The content of those 'hate incidents' needs to be analysed and the content made public. It is a fact that many are things such as Popchyk lists, and also things like a transwidow using the name they've called their husband through years of marriage or saying 'he' instead of 'she'. Since TRA lobby and charities have been actively encouraging their members to report as much as possible to boost the numbers it's no surprise that there has been a big increase in reporting.
However since the implication of this is that there is a failure to prosecute crime properly, the figures also need to be publicly shared as to how much of these reports did actually report a 'crime' as opposed to 'I was offended by it', and whether the things being recorded should be things that someone can end up in court for.
And that is why the reported cases are going up, which adds to the most vulnerable narrative, while charges brought has gone down.
Surely someone will look at those figures and make the connection that the police are being involved in things that a few years ago they wouldn't have?
This is a BBC response to a complaint made about Ben's report into comments by Prince William.
Ben twisted a positive comment made about having a gay child to also refer to having a transgender child.
Thank you for contacting us about the BBC News website article 'Prince William: 'I'd support my child if they were gay'' (https://www.bbc.co.uk/news/uk-48774280).
'I understand you feel Ben Hunte's analysis of the story inaccurately conflated sexuality with gender identity.
This article reported on remarks made by Prince William during his visit to the Albert Kennedy Trust (AKT), a youth charity in London supporting LGBT people who are at risk of homelessness. The video at the top of the article showed the duke responding to the question "What do you think about that, in terms of if one of your kids would be LGBT?". In his analysis, Ben Hunte referred to the duke's response as "an endorsement to lesbian, gay, bisexual and transgender rights" as this was relevant to the question asked.
I can assure you it is never our intention to use language which will offend any of our readers, and I can only express regret that you feel Ben's analysis was homophobic and incorrect.

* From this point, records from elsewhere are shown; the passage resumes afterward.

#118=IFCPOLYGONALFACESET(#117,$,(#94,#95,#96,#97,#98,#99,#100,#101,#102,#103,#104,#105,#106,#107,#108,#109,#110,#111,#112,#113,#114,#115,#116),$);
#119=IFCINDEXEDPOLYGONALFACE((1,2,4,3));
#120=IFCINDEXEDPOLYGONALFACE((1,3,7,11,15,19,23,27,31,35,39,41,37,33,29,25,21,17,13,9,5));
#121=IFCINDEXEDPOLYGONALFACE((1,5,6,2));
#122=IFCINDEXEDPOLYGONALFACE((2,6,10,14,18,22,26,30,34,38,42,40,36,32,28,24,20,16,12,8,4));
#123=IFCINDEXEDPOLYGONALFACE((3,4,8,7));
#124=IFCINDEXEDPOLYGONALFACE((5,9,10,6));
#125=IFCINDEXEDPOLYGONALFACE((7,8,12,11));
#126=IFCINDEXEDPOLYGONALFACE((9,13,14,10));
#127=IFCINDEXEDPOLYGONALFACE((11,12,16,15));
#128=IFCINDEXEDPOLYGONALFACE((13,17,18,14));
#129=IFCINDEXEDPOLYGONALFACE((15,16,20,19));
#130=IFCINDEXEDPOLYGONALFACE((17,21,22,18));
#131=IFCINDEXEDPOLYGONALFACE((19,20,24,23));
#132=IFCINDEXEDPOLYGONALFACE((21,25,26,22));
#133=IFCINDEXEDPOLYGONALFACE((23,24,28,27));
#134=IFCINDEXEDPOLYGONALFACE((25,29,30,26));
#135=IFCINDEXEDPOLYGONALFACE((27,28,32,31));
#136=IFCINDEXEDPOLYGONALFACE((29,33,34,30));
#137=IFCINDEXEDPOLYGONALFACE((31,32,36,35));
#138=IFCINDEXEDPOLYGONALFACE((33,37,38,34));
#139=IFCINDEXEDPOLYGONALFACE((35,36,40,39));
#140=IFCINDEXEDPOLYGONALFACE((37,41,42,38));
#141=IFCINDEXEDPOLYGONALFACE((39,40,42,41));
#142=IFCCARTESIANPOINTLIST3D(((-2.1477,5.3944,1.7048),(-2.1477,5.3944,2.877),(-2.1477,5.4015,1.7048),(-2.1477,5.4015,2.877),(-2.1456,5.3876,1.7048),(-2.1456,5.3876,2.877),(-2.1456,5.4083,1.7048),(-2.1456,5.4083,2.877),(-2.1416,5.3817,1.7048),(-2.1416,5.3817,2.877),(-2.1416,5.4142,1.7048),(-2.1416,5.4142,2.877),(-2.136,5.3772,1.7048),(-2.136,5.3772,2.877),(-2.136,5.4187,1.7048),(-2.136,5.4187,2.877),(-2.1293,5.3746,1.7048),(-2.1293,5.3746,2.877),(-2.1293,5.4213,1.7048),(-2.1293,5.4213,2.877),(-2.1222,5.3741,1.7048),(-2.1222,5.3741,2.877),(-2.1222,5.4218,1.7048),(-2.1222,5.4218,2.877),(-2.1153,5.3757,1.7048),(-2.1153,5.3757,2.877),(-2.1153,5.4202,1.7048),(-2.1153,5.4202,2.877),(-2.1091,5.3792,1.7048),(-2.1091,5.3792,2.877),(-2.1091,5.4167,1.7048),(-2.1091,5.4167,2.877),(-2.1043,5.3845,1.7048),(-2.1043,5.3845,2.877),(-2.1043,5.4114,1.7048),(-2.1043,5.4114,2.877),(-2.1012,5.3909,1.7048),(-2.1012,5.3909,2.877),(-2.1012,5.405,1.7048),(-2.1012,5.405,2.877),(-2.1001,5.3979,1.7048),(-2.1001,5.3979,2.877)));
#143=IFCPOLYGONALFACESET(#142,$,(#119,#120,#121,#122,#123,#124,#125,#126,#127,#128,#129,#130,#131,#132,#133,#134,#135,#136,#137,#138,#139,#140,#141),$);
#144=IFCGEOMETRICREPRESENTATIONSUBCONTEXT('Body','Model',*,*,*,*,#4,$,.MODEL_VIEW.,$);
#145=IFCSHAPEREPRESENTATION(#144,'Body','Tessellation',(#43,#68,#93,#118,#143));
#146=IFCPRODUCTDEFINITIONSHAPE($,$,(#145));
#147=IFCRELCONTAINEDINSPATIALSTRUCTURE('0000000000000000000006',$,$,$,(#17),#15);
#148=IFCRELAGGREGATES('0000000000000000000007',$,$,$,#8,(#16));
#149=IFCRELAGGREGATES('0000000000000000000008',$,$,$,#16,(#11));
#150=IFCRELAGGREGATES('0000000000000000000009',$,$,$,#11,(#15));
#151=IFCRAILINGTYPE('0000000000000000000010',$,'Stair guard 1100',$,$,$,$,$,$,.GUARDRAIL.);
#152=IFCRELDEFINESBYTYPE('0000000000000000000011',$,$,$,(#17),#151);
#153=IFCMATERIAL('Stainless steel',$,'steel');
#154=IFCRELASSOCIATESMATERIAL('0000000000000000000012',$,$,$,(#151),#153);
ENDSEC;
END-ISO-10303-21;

We're guided by audience reaction, so please rest assured your concerns have been raised with the BBC News website team and senior management on our audience feedback report. These reports are among the most widely read sources of feedback within the BBC and help inform our ongoing work.'
Ben Hunte writes and acts like an activist not a journalist. The more junior BBC reporters writing on this subject are not very well trained in proper reporting and writing some cringeworthy pieces particularly for the website.
I’m pretty sure the grownups are aware but they’re not managing it very competently at the moment.

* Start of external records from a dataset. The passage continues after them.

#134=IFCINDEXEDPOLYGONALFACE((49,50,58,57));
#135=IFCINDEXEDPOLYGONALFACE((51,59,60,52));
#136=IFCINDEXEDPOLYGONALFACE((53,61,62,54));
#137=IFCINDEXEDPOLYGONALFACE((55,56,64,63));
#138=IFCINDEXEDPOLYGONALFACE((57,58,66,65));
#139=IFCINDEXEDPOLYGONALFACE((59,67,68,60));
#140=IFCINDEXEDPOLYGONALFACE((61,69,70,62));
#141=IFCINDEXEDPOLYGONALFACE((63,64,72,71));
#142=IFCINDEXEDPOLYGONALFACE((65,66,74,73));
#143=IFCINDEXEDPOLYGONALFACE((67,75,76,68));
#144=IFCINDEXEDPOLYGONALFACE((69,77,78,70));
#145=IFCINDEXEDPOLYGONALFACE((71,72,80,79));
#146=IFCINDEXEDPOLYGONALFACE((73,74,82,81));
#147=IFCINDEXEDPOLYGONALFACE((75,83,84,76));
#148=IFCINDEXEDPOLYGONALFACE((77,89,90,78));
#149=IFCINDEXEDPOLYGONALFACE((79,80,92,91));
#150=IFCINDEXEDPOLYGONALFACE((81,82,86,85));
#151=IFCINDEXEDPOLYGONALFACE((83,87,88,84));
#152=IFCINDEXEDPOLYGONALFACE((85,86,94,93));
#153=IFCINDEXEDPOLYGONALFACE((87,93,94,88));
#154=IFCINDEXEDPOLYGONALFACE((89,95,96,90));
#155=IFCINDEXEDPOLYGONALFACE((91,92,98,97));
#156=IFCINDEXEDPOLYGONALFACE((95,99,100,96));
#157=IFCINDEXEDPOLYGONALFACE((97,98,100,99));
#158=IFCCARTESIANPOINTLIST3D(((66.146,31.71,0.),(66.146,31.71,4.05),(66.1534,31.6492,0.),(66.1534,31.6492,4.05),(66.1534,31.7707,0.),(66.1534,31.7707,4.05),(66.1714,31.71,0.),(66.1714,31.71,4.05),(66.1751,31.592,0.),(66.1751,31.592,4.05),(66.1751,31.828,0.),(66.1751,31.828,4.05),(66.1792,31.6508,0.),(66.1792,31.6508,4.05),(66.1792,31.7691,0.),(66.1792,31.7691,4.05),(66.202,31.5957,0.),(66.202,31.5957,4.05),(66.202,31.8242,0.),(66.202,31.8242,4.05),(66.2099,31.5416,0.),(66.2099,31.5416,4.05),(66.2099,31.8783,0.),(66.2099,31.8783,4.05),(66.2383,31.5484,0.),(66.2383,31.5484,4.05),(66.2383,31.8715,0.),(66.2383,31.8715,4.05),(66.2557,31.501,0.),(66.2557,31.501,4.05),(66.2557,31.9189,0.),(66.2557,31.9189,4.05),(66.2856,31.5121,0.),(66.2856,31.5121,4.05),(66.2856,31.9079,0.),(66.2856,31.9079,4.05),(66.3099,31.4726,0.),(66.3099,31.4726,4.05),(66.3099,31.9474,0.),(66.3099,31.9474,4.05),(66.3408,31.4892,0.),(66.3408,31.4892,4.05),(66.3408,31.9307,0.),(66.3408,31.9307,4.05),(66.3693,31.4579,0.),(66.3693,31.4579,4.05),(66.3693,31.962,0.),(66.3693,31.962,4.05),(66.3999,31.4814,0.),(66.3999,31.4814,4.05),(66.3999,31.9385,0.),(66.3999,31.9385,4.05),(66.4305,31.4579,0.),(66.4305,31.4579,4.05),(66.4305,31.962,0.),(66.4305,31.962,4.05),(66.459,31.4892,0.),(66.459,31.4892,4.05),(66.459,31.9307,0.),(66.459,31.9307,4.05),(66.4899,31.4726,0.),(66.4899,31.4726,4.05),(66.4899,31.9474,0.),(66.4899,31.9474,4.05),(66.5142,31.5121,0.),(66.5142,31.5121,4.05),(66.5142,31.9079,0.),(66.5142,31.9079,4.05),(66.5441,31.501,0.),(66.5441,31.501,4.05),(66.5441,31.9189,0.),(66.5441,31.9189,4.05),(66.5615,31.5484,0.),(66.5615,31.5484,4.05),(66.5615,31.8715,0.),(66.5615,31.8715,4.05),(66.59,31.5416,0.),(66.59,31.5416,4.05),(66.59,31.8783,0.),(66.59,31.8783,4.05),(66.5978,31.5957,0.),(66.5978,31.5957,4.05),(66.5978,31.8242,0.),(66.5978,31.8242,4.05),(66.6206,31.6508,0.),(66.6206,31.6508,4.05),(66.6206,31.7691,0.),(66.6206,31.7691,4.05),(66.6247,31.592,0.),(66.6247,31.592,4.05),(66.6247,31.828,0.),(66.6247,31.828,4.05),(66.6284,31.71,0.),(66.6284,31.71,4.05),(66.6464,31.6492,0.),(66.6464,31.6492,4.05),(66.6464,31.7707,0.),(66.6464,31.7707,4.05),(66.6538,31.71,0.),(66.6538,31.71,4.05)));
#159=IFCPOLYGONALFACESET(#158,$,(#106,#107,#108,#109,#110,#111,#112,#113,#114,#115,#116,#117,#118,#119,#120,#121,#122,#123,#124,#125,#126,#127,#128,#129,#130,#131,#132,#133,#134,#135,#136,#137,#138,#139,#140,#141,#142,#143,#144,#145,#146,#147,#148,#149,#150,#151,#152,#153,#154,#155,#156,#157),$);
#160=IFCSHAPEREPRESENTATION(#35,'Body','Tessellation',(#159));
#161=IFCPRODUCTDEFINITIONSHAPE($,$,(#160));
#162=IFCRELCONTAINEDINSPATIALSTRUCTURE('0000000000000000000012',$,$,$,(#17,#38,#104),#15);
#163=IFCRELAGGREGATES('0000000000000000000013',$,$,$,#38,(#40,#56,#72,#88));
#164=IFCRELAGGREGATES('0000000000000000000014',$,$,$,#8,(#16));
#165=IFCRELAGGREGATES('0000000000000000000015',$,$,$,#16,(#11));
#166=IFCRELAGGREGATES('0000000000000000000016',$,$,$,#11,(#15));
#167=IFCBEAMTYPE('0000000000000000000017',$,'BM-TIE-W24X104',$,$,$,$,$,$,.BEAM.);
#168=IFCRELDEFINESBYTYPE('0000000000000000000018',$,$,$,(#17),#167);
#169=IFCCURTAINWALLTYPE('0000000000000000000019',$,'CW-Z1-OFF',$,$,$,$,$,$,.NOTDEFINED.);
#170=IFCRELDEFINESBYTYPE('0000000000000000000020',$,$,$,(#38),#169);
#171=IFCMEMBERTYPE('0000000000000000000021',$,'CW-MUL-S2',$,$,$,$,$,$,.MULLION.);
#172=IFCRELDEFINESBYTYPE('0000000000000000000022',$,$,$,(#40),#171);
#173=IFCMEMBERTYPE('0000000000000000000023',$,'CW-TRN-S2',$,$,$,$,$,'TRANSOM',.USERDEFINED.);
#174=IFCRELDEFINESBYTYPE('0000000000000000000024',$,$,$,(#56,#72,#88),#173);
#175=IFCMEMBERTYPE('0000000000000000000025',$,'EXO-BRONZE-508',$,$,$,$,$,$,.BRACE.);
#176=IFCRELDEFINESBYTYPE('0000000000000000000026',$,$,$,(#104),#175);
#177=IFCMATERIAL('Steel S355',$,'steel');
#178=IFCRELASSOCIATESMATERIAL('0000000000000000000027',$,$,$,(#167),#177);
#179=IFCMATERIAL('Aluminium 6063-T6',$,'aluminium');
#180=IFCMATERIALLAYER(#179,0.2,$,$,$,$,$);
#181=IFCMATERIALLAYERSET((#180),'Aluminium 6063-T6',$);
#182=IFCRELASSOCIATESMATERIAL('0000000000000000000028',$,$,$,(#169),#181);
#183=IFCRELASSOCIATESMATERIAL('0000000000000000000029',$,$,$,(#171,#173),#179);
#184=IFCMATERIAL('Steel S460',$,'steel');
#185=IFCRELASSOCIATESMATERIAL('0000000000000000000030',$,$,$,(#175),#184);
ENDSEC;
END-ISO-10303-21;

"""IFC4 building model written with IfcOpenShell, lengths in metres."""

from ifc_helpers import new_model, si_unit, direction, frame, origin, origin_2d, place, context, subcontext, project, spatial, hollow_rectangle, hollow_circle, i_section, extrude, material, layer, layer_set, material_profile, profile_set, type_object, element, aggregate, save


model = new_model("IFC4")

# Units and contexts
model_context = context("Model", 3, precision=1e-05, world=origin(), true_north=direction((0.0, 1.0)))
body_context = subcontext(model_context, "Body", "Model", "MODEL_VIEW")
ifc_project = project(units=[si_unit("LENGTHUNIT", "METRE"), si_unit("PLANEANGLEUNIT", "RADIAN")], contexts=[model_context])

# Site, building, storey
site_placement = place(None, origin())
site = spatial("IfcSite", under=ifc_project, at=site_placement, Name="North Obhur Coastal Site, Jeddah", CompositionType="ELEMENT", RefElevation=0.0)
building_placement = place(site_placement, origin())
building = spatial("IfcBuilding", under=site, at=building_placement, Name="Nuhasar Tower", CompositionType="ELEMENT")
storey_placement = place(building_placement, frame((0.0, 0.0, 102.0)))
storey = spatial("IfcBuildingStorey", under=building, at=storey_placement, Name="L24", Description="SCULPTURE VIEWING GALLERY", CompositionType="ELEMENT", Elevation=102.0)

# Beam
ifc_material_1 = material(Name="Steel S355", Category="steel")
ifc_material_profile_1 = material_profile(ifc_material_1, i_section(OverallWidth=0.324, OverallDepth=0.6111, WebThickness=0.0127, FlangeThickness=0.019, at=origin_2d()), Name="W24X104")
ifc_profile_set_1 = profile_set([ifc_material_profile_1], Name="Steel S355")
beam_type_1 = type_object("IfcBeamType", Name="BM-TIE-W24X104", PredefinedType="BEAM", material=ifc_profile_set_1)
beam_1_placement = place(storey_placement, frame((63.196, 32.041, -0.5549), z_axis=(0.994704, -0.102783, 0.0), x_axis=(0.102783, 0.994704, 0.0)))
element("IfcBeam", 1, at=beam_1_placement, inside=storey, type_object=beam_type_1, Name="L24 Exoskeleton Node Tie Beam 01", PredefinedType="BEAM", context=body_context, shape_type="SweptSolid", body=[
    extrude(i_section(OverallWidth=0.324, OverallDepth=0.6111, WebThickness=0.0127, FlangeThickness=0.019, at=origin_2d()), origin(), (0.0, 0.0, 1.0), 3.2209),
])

People are being let down if they are told to log things with the police that don't constitute a crime.
Being called names is unpleasant. I totally understand that the person on the receiving end being upset. And the person calling someone names is being rude.

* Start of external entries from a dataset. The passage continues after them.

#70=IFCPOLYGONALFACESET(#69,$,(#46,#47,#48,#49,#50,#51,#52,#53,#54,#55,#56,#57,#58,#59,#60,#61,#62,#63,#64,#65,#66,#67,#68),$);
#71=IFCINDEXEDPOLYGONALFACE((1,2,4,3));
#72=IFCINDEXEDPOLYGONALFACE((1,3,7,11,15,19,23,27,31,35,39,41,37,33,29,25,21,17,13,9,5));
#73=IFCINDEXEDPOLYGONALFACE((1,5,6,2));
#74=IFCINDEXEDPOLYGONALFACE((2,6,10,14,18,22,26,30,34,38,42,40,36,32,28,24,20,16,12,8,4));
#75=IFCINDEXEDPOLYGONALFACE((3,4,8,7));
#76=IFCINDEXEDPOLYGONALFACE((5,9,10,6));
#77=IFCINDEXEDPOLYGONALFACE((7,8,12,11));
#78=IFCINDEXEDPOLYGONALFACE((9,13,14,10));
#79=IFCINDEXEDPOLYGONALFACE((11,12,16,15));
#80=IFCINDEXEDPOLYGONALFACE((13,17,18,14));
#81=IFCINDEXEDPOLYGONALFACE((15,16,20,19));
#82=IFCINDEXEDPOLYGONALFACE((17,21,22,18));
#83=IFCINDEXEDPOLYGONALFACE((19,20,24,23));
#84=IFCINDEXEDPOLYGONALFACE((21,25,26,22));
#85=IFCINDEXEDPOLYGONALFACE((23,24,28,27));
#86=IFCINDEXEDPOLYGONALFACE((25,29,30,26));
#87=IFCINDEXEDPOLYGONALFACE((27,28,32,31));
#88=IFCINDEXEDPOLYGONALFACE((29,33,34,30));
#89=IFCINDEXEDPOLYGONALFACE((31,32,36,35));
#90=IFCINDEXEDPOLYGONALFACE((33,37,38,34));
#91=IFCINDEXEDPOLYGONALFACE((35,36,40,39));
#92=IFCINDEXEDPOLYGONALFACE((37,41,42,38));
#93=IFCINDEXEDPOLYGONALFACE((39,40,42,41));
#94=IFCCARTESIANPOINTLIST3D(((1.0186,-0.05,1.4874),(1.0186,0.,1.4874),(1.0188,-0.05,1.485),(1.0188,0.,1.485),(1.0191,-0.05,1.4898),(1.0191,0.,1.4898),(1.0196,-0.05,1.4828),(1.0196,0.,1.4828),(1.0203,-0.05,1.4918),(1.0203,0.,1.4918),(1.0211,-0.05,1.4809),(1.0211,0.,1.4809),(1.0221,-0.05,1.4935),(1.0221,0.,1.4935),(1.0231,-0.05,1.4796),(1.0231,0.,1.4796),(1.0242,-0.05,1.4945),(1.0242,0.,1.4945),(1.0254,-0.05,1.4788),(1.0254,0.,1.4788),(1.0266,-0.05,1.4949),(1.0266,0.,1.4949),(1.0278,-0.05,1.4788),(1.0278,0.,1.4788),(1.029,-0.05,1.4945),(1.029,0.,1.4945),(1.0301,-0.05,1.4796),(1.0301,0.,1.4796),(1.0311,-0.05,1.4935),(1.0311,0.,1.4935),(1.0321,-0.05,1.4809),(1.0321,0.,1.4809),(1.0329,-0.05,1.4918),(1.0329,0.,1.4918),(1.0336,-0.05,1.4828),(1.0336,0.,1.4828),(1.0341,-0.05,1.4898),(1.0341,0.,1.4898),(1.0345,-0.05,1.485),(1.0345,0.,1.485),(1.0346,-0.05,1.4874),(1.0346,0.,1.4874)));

But it is not a crime. Yet. Even in West Yorkshire.
...If being rude were a crime in Yorkshire, tha'd have us all locked up, by eck.
But it is not a crime. Yet. Even in West Yorkshire.
Some people are pretty keen for the message to get out that it is a crime:
A hate crime is a crime that is a crime with or without the hate element which constitutes an aggravating factor. Calling someone a name is not a hate crime, but is logged by the white rose boys & girls in blue as a 'hate incident' if someone reports it as such, regardless of any evidence or investigation.
Does Ben Hunte understand the difference?